Furthermore, strings are completely encoded:

These types of things usually indicate a packer, even if its not being detected by CFF or the header may have been removed, the binary could always be using a custom inbuilt packer.

Monitoring Malicious API Usage with API Monitor (32bit)

You can use API Monitor to monitor different WinAPI usage that programs are using

These API functions can be found in CFF Explorer

When these are used in malware, they are usually used for process injection techniques.

Hit CTRL+F to set checkmarks on common WinAPI functions and they will be monitored in the right window

You can also set breakpoints when a certain function is called

Here is an example of monitoring process hollowing

As you can see the notepad.exe process is created using CreateProcessA and we can see that in the screenshot, this process is going to be used for the process hollowing technique. You can also see the WriteProcessMemory calls which write the sections into the process.

You can also see the injected strings of the process that was injected when the notepad process is running with any task manager or process hacker

64bit version

How Process Hollowing works (+ Visualizing it):

The malware will call CreateProcess API
It will pass the creation flag in CREATE_SUSPENDED mode
It will then switch to the other process which it wants to load, and there are multiple different ways of loading, but in this case, it will switch to the other executable process which it wants to load, hollow out the original image and replace it with the malicious one using calls like WriteProcessMemory, then use SuspendThread and ResumeThread to pause and resume the thread while loading.

Here we can see the “victim.exe” process getting loaded by the Process Hollowing executable

And this would be the flags for the VirtualAllocEx call that ultimately starts the process hollowing:

And here we can see the malicious process being loaded:

After loading, the new entry point address for the new loaded process is set with SetThreadContext

The process and thread is then resumed with ResumeThread

Manipulating Control Flow

In this exe i have “stage2.exe”, there is a buffer check, which is an area of memory being checked for a particular condition.

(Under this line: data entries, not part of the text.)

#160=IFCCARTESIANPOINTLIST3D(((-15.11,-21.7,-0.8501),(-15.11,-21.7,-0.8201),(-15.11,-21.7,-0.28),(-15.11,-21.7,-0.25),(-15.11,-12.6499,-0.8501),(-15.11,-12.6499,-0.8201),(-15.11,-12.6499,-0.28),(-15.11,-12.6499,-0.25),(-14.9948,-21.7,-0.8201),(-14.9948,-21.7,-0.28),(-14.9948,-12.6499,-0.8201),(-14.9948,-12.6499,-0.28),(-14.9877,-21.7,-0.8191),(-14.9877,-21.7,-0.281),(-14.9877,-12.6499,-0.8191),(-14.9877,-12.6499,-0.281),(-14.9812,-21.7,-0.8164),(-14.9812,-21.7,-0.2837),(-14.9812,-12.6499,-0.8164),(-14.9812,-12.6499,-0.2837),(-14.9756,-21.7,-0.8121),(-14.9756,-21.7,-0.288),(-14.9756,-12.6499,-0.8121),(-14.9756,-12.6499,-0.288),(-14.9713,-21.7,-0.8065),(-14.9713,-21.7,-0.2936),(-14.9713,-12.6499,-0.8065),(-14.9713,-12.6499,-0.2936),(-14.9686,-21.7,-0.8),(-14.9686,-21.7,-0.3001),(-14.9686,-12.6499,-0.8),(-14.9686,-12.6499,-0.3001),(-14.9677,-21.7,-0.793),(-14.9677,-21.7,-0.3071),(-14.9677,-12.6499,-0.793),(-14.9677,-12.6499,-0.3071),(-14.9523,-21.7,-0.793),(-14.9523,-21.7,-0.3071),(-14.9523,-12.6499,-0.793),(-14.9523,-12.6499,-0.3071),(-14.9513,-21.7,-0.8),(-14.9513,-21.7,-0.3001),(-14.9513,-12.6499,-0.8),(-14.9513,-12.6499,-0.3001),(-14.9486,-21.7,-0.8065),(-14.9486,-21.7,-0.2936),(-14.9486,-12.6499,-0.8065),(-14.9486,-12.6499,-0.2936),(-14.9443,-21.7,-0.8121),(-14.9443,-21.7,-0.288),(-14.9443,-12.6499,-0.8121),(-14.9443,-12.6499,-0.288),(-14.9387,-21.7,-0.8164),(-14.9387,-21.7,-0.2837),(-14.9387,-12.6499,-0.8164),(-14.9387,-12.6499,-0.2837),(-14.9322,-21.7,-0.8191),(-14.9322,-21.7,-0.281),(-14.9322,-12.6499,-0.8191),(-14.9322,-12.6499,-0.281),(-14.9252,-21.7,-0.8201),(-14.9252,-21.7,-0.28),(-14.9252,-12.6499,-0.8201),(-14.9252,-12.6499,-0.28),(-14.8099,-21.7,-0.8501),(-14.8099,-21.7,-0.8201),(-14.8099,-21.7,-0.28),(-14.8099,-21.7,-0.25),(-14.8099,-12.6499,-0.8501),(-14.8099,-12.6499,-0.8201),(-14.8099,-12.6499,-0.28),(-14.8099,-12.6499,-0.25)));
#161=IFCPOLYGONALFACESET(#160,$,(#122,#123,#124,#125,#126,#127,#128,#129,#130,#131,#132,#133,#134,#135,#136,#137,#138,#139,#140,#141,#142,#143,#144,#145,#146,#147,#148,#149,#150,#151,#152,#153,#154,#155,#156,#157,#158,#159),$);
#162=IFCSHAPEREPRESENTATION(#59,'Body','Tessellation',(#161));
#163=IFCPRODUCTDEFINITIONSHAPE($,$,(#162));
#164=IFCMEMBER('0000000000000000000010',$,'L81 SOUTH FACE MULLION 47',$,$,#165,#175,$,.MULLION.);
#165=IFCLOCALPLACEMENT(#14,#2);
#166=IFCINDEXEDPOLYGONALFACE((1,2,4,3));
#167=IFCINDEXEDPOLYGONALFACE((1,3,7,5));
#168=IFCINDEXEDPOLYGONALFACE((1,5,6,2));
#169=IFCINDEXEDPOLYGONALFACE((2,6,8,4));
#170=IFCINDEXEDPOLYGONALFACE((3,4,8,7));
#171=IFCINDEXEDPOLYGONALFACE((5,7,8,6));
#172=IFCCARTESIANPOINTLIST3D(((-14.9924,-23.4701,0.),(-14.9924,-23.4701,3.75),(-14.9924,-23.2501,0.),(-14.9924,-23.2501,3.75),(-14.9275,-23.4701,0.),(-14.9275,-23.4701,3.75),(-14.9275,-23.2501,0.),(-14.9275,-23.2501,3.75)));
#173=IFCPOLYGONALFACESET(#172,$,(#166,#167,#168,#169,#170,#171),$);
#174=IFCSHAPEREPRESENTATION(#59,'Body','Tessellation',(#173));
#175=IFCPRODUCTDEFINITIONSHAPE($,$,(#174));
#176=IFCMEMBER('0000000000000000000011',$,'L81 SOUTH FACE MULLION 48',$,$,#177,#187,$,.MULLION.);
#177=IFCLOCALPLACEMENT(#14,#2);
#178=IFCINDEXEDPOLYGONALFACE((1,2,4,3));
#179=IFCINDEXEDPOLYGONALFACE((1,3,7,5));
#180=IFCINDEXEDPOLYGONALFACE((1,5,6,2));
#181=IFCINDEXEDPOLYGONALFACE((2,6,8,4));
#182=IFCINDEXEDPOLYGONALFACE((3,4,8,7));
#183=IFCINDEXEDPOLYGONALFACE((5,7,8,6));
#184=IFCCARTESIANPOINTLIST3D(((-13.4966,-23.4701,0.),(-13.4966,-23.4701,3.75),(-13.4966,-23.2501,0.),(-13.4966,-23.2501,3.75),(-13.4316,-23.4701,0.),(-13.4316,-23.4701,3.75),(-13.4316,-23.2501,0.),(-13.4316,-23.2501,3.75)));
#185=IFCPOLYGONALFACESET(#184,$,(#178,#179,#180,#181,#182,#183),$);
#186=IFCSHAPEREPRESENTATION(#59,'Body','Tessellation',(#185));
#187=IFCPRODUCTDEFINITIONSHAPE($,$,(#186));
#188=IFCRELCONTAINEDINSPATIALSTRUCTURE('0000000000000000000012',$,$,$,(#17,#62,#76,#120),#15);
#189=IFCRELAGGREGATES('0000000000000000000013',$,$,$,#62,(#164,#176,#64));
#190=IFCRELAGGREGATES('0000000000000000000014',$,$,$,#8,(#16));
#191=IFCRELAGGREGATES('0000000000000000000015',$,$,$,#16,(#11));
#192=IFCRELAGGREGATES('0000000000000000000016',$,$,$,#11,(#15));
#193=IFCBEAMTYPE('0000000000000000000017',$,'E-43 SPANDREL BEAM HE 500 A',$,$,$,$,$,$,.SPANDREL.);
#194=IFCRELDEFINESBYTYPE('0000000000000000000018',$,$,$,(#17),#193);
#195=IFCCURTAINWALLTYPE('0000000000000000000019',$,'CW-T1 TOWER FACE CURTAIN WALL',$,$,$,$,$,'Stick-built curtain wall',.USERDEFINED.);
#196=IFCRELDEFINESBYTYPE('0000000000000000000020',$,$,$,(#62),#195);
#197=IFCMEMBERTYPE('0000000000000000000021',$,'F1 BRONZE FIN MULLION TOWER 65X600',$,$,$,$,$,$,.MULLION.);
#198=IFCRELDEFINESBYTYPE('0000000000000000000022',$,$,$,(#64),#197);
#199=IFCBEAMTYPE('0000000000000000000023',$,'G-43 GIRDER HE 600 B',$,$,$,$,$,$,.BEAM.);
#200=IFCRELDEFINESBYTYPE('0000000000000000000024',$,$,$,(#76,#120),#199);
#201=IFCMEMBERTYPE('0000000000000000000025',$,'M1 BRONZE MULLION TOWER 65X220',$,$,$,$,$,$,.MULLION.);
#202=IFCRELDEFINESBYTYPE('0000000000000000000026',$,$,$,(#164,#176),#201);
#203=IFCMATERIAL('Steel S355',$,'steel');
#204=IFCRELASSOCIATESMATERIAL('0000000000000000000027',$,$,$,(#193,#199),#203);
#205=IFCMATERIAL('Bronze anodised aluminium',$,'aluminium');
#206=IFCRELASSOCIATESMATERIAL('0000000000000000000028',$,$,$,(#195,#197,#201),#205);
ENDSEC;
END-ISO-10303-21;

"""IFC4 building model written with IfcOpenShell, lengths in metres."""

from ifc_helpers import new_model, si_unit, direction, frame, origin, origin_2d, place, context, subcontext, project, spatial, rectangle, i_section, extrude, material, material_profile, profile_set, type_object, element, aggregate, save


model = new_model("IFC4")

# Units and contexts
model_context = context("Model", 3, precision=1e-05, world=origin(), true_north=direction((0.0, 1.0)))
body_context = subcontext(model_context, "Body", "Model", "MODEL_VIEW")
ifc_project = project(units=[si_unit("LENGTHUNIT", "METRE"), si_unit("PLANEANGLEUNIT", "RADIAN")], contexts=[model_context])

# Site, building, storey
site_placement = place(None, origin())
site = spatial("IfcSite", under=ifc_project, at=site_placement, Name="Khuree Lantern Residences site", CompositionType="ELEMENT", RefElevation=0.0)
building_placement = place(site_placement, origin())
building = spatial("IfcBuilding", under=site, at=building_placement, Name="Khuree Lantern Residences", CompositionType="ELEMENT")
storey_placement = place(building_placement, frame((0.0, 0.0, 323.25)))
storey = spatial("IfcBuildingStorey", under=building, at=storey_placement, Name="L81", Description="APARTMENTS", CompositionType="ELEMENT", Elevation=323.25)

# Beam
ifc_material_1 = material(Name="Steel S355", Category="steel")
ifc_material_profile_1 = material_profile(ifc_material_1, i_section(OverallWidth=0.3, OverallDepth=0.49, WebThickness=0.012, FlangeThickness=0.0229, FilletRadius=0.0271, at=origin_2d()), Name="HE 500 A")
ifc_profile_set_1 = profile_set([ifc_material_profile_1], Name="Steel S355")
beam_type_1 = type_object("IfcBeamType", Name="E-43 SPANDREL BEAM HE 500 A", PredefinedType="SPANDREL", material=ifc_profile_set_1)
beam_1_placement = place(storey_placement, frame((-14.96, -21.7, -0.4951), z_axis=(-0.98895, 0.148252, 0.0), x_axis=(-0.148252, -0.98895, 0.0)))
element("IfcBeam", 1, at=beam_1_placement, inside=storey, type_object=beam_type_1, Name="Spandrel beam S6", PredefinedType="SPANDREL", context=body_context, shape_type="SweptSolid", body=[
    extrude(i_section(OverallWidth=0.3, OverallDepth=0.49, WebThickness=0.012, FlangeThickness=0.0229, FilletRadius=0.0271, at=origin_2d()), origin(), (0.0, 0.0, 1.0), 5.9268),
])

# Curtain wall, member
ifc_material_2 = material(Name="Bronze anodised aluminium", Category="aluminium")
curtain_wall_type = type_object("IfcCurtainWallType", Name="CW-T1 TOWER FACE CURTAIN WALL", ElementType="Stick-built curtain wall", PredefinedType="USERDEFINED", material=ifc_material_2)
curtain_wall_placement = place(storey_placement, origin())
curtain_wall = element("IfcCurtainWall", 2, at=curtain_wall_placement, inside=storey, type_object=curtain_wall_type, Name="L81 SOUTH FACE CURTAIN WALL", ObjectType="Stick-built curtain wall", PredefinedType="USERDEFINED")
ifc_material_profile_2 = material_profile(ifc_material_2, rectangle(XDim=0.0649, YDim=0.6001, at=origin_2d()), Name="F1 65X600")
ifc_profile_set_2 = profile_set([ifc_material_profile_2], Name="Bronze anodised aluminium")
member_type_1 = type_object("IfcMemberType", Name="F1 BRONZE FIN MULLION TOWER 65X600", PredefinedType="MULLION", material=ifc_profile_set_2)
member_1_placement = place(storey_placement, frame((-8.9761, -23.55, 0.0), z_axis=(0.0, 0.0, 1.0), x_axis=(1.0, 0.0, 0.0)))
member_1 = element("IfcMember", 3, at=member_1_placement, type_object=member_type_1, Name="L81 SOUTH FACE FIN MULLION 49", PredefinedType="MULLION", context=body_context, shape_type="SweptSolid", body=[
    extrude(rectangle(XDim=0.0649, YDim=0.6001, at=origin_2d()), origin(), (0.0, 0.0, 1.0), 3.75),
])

When the buffer checks are made (with the jne instructions), we can manipulate the ZF Flag (Zero Flag) by stepping into the jne calls.

NOTE: In x86 assembly language, the Zero Flag (ZF) is a status flag that is set if the result of an operation is zero. For example if we failed the buffer check, this flag would be 0, same if we failed to supply a valid license key or something.

2a6e5f4d3cefe899

Popped the flag for this one!

Analysing Different Files, Borland Delphi

Here I have an obvious malicious binary which is impersonating Malwarebytes, you can see the file size is 2.14MB which is quite small for legitimate setup files, usually smaller payloads are used when a loader is incorporated into the malware. However, the reason for the large file size can still be the following reasons:

It has many resources
It is compiled in Borland Delphi (BobSoft Mini Delphi -> BoB / BobSoft)

Why does it matter how the sample was compiled? Because it will determine how the disassembly will be structured.

Imports

Looking at the Imported DLL files, like kernel32.dll, we can see interesting imported functions like VirtualAlloc which as we know is commonly used for code injection.

We can also see imports of possible resource manipulation techniques (i.e. FindResourceA, SizeofResource), and possible Anti-Analysis tricks (i.e. Sleep, GetTickCount). With the imports from Advapi32.dll, we can tell it is going to access registry keys (i.e. RegOpenKeyExA).